I doubt many of _us_ do even, but really what t-shirt merchants do with their clothes doesn't matter - it's all about the customer. It sounds like your wash test was more than fair.



scribbleprints said:


> A New T-shirt
> New ArtsNow Shirt on Flickr - Photo Sharing!
> Same Design in a T-shirt That's been washed less than 10 times
> ArtsNow Shirt After 4-10 Washes on Flickr - Photo Sharing!


----------



## toonsign

Good afternoon,

Been a while since I posted here but I'd like to make a comment about ArtsNow (AN).

I've been with them since 6/07. Started as a Free store and am now an SVIP owner.

As I have stores currently selling under me I'd like to give you MY honest evaulation about AN quality. Those of you at the AN forum know me as Fred and I do speak my mind.

Shipping: If you just order one or a few products, you can usually expect the order in 8-18 calendar days.

If you order 4, 10, 20 items, especially if they are all onsie's, add 5 days.... if shipped to the same address.

What I sell (and would sell from AN): Hard goods such as business card cases, key rings, MOST watches, mousepads, etc...

What I would NOT sell: 

1. All garments - their sizes run SMALL and some shrinkage may (usually) occur. If you order a size XLarge, expect it to fit like a medium (or even a small). I do not recommend selling their ****s. As they have discontinued some lines of their t-shirts, when that particular style/color/size runs out, they will not be restocking it. You own't know they're out of stock until you or your customer orders.

Some storeowners have no problems with the hoodies, black and white t's both in sizes and fit. However, I don't prefer to sell them as I usually print my own.

2. Like previous posts stated, I don't offer key chain watches, desk sets, and other items that are easy to either break during shipping (poor packaging, mis-handling) or normal wear and tear.

99% of my store owner comments concern the shipping times. In my opinion, since the orders at AN have increased, productions time appears to be a bit longer. Used to be 1-2 days, now it looks like it's 2-3 days.
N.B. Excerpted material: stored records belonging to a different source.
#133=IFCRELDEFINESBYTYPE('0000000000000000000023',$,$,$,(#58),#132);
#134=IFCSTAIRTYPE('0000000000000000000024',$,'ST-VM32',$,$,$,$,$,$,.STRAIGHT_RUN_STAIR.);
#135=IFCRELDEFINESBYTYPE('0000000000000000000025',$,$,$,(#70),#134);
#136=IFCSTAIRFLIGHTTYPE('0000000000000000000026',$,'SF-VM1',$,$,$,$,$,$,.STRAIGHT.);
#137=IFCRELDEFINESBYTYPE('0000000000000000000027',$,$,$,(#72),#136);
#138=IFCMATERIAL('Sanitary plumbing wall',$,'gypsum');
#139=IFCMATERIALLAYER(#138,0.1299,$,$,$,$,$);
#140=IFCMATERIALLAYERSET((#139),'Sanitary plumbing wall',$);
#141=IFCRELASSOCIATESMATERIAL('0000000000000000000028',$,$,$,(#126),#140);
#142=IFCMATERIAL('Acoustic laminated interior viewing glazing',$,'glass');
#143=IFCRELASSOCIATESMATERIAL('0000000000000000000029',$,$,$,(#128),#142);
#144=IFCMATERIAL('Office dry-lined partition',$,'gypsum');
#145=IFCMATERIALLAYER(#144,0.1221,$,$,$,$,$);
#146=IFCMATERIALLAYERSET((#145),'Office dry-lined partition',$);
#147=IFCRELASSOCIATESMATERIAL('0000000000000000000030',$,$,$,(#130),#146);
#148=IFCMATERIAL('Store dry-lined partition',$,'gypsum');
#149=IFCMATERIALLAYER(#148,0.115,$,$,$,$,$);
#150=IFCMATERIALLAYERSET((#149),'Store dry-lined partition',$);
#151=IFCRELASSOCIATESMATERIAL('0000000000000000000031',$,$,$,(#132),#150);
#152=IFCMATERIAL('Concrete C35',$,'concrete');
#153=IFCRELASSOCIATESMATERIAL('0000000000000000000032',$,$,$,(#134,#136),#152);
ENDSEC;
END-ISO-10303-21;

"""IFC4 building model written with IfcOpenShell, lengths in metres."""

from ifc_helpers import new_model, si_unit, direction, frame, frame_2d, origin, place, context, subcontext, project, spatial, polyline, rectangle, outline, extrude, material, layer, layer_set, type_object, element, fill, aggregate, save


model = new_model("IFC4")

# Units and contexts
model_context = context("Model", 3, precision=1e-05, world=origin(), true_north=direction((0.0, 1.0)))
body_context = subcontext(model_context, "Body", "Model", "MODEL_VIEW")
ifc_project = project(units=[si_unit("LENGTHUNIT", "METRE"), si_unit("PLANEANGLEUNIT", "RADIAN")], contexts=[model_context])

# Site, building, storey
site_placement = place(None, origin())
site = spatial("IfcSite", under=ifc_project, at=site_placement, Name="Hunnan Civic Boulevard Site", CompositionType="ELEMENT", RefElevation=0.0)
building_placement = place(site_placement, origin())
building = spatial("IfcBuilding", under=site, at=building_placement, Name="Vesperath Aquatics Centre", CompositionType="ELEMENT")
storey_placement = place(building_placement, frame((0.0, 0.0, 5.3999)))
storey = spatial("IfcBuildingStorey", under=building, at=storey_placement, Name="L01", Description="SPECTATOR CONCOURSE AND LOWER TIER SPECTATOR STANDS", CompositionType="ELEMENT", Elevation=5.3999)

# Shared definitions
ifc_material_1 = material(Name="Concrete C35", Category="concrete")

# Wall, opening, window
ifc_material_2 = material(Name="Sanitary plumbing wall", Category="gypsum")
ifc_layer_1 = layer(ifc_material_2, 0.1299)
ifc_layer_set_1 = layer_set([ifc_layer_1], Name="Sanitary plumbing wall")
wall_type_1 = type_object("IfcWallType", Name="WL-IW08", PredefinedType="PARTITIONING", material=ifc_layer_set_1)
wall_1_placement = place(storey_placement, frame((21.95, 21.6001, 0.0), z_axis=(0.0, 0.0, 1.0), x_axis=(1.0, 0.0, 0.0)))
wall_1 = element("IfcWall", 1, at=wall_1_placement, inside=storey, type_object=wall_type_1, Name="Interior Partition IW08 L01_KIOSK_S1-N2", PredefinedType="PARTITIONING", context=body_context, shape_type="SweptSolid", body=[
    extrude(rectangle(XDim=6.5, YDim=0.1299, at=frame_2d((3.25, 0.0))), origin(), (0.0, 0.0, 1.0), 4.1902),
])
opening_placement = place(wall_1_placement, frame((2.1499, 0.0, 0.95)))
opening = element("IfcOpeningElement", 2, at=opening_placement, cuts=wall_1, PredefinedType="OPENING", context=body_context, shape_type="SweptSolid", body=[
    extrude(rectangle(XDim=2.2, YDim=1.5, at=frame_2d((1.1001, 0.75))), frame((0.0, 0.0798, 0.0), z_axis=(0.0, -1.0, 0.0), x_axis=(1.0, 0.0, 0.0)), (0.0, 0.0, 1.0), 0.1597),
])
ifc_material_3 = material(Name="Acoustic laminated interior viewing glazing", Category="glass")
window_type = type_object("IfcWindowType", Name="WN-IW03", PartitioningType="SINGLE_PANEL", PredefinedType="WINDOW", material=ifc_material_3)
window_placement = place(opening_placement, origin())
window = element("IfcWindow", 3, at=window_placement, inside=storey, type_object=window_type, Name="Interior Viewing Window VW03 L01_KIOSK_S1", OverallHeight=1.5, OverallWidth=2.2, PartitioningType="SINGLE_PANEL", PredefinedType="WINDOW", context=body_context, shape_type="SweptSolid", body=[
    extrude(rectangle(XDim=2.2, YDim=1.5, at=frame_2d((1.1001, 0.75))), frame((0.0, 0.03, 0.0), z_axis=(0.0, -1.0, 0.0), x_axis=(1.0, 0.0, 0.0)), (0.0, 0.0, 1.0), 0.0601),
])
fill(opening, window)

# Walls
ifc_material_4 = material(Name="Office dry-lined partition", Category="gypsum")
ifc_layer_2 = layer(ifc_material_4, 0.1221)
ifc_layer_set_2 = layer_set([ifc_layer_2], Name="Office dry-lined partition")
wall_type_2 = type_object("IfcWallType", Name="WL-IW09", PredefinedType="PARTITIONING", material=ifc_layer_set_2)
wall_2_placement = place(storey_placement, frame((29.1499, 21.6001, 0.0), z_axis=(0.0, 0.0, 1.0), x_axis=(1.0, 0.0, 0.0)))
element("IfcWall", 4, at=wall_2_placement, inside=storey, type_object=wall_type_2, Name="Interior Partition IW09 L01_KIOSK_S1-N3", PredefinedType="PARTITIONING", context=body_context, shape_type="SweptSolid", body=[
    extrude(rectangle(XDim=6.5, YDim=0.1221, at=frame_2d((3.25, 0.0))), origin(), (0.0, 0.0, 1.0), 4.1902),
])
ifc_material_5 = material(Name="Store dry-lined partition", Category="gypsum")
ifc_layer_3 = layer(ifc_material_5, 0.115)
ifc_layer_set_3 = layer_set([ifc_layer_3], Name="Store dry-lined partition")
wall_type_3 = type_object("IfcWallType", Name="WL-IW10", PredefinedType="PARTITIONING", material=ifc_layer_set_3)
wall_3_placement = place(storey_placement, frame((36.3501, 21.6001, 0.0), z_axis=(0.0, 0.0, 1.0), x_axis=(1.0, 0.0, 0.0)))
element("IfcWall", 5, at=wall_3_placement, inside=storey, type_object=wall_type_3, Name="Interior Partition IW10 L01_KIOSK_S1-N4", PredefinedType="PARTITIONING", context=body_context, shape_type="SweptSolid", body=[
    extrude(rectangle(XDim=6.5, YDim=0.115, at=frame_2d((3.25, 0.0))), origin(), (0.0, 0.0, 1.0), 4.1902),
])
Just my opinion.

I educate my store owners about the shipping times. Most do *NOT* state the normal 8-14 business days. They figure they would lose the sale. Thus, customer concerns about the long delays. You know the routine: "I ordered it yesterday, where is it?"

If you want to launch your own brand of clothing, don't do it at AN. You can print them yourself (easy to do) or/and use other POD services.

If you want an alternative source for a POD service, if you can advertise an 8-14 business day shipping schedule (unless you stock it yourself) consider AN.

For keyrings, mugs, clocks, mousepads, playing cards, most watches, etc... then consider using AN but only start out with a Free Store.

Using Ebay to offer AN products: Unless you spell it out in *BIG* letters the shipping time and are prepared to hear from some customers as to where their products are, don't. If you can buy from AN and THEN sell on ebay, go fot it.

As AN has introduced new products (umbrellas, etc...), I am awaiting a personalized umbrella to check the qulaity of the print, assembly, umbrella, delivery time, etc...

I hope this helps answer some of your questions.

Fred
Melbourne FL


----------



## scribbleprints

Ok, I just tested an ArtsNow key chain for lead and it came up positive. I've contacted them about it, and the CPSA. I'm out...and I feel sick that I ever promoted this company. I've spent most of the morning trying to contact every person who ever ordered a key chain from me to tell them it may have lead.


----------



## scribbleprints

scribbleprints said:


> Ok, I just tested an ArtsNow key chain for lead and it came up positive. I've contacted them about it, and the CPSA. I'm out...and I feel sick that I ever promoted this company. I've spent most of the morning trying to contact every person who ever ordered a key chain from me to tell them it may have lead.



OK...it's not as bad as I thought. The key chains do contain lead, but maybe not at a dangerous level. The test showed over 50 ppm of leachable lead...but 50 ppm lead content is roughly the lead level of dirt. The key chain had more than 50 ppm, but the test didn't say how much more (so the test neither proves it's dangerous or safe). I assumed because that was the highest testable level that meant it was dangerous. (Ug...I should know never to assume).

Here is what ArtsNow said regarding this issue:

"Our key chains are made of Zinc, and all Zinc product contained lead. However, our product is up to the required European export safety standard.

I am collecting further data of containing lead, will get back to you later. Thank you."


----------



## orangbaik

artsnow is an old player in dropshiping world.
however 1 BIG BIG problem with AS is NO TRACKING NUMBER


----------